Most engineers touch Azure Data Factory at 2 a.m. when data jobs stall and dashboards blink red. It moves data beautifully, but not always predictably. GraphQL, on the other hand, gives you the kind of control over data queries that feels like cheating. Combine the two, and you get a data workflow that finally listens to what you ask.
Azure Data Factory is Microsoft’s orchestration layer for moving and transforming data across clouds. It handles pipelines, schedules, and mapping from source to sink. GraphQL provides flexible API querying, letting callers request exactly the fields they need, no more, no less. When connected, Azure Data Factory GraphQL integration means your data pipelines can pull structured queries from APIs without building ten different REST connectors.
In practice, you configure Data Factory to call a GraphQL endpoint as a data source. Under the hood, it uses service identity credentials or managed connectors through Azure Active Directory. Permissions rely on RBAC or OAuth tokens so only approved services execute queries. The goal is simple: treat GraphQL APIs as native sources rather than custom scripts glued together by someone’s Friday night workaround.
How do I connect Azure Data Factory to a GraphQL API?

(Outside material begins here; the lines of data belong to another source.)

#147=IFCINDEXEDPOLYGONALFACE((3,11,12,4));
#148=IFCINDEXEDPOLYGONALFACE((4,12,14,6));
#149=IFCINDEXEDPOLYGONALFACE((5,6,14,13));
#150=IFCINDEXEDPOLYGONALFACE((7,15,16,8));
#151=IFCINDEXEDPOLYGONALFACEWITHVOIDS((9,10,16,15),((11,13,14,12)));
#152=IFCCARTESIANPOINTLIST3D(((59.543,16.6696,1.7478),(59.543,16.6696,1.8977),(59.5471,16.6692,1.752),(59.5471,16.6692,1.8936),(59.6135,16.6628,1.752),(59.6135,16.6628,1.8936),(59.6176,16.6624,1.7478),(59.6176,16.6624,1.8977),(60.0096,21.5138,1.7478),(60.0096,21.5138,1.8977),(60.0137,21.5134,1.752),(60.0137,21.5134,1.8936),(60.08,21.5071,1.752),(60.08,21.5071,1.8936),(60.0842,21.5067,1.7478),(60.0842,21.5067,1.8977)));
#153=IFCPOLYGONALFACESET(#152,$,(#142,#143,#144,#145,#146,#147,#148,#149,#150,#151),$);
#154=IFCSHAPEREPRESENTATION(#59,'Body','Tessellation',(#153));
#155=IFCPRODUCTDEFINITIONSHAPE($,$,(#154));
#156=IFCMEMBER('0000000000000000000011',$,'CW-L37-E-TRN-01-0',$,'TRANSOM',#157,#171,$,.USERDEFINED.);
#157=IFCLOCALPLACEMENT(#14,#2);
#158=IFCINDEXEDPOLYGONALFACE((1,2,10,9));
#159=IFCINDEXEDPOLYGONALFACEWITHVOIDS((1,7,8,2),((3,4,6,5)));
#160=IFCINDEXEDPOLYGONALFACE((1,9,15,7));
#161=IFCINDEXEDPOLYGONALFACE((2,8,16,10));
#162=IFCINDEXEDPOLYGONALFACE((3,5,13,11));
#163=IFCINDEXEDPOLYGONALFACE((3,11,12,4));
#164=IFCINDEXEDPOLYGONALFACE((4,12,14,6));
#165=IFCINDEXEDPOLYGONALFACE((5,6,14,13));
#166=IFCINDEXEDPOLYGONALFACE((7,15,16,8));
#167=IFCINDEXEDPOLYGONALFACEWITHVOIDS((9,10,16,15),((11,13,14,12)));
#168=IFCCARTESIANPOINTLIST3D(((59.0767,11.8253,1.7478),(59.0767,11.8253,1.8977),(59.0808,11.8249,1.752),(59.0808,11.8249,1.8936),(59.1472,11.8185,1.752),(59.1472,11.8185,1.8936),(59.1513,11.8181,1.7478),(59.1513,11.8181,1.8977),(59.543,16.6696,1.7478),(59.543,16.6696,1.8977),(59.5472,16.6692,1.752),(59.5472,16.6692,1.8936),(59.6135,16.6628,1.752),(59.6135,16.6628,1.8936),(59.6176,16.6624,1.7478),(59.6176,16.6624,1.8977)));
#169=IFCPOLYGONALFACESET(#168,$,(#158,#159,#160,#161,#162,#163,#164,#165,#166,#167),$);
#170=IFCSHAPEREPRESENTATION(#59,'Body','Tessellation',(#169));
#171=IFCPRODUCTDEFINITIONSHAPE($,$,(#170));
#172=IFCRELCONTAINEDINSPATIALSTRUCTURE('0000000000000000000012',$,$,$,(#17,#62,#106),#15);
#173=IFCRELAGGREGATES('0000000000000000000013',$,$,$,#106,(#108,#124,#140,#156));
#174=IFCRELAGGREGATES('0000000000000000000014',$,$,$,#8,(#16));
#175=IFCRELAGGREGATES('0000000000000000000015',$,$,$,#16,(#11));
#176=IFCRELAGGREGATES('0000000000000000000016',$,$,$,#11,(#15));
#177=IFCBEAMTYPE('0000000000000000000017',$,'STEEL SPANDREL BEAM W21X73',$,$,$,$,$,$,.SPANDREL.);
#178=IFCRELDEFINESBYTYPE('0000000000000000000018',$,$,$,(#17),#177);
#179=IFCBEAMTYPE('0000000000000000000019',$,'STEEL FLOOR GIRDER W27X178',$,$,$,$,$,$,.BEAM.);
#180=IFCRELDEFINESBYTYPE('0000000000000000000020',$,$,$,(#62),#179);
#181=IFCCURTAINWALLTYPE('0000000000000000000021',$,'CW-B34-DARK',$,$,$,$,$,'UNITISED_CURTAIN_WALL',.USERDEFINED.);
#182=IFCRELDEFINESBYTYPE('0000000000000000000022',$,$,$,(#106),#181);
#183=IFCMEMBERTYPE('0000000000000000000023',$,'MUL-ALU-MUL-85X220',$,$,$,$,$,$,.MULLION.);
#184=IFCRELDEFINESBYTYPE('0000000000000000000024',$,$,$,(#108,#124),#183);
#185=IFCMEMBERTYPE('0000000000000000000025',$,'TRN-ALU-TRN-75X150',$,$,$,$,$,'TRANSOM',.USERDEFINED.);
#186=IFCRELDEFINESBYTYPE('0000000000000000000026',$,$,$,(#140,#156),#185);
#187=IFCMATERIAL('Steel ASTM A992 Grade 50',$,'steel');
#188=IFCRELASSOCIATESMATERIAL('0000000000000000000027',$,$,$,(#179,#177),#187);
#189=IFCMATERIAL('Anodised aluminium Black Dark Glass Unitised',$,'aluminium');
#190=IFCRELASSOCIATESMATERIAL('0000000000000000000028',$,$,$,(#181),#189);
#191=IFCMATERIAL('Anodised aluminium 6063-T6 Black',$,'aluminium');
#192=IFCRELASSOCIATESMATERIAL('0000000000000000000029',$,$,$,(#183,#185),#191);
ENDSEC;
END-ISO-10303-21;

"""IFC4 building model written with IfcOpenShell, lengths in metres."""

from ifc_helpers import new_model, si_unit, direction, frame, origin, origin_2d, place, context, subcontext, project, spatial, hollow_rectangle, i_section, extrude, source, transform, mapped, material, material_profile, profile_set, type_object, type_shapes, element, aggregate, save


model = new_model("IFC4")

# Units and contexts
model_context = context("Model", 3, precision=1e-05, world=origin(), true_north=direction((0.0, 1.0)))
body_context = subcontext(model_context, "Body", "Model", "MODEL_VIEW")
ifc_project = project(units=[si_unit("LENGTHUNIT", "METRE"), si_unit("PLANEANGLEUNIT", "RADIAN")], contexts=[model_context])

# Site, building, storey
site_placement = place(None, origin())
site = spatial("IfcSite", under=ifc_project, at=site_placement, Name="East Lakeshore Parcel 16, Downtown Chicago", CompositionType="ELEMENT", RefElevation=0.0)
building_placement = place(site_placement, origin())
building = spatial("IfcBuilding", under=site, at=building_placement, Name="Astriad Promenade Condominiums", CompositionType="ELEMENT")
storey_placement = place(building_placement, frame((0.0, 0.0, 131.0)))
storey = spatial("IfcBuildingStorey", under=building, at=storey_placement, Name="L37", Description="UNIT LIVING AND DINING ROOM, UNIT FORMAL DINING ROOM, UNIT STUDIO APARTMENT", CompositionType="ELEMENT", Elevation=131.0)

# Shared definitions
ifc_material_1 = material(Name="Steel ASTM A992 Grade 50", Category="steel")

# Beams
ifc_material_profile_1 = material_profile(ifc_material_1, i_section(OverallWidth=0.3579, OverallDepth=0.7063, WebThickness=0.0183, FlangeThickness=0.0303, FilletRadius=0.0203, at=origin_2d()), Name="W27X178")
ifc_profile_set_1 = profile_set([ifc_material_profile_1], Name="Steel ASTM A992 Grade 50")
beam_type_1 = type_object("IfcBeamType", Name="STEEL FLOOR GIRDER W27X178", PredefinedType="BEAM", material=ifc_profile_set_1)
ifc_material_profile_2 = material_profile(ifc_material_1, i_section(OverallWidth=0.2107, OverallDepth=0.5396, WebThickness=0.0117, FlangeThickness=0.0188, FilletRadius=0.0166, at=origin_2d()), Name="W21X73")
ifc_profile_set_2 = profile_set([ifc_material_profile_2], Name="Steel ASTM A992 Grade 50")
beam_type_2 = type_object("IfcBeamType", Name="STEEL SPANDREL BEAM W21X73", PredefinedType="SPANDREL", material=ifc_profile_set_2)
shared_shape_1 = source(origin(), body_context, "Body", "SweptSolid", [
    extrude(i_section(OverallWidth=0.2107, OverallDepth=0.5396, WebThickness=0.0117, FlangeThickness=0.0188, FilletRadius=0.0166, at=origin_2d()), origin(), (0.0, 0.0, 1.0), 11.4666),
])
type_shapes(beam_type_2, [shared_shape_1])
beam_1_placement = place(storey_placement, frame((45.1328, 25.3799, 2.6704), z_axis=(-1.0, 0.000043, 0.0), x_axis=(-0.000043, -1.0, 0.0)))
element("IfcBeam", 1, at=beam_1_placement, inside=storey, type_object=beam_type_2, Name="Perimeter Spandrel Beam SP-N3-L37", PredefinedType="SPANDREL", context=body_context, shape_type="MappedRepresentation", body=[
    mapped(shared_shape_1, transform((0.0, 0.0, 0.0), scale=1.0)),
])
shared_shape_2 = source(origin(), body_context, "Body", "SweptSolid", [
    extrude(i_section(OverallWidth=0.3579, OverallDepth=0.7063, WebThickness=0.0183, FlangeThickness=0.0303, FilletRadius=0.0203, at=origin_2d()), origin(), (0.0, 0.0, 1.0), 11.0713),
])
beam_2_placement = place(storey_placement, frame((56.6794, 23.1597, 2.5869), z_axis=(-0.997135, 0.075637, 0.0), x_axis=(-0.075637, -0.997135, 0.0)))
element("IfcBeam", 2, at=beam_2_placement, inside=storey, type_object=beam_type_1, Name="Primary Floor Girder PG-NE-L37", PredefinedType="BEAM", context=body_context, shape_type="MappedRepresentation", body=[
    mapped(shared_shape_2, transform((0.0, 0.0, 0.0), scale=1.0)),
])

Create a linked service using the HTTP connector. Point it to your GraphQL endpoint and specify a POST method with the query payload. Authentication can flow through Azure Managed Identity for secure rotation. From there, just wrap that dataset into your pipeline. No need for custom code unless your query logic gets fancy.
Common friction points include content-type mismatches, pagination, and token expiry. Always verify the schema that your GraphQL endpoint expects and make sure Data Factory retries failed queries gracefully. Use diagnostics logs instead of retry loops. It saves you more weekend hours than you think.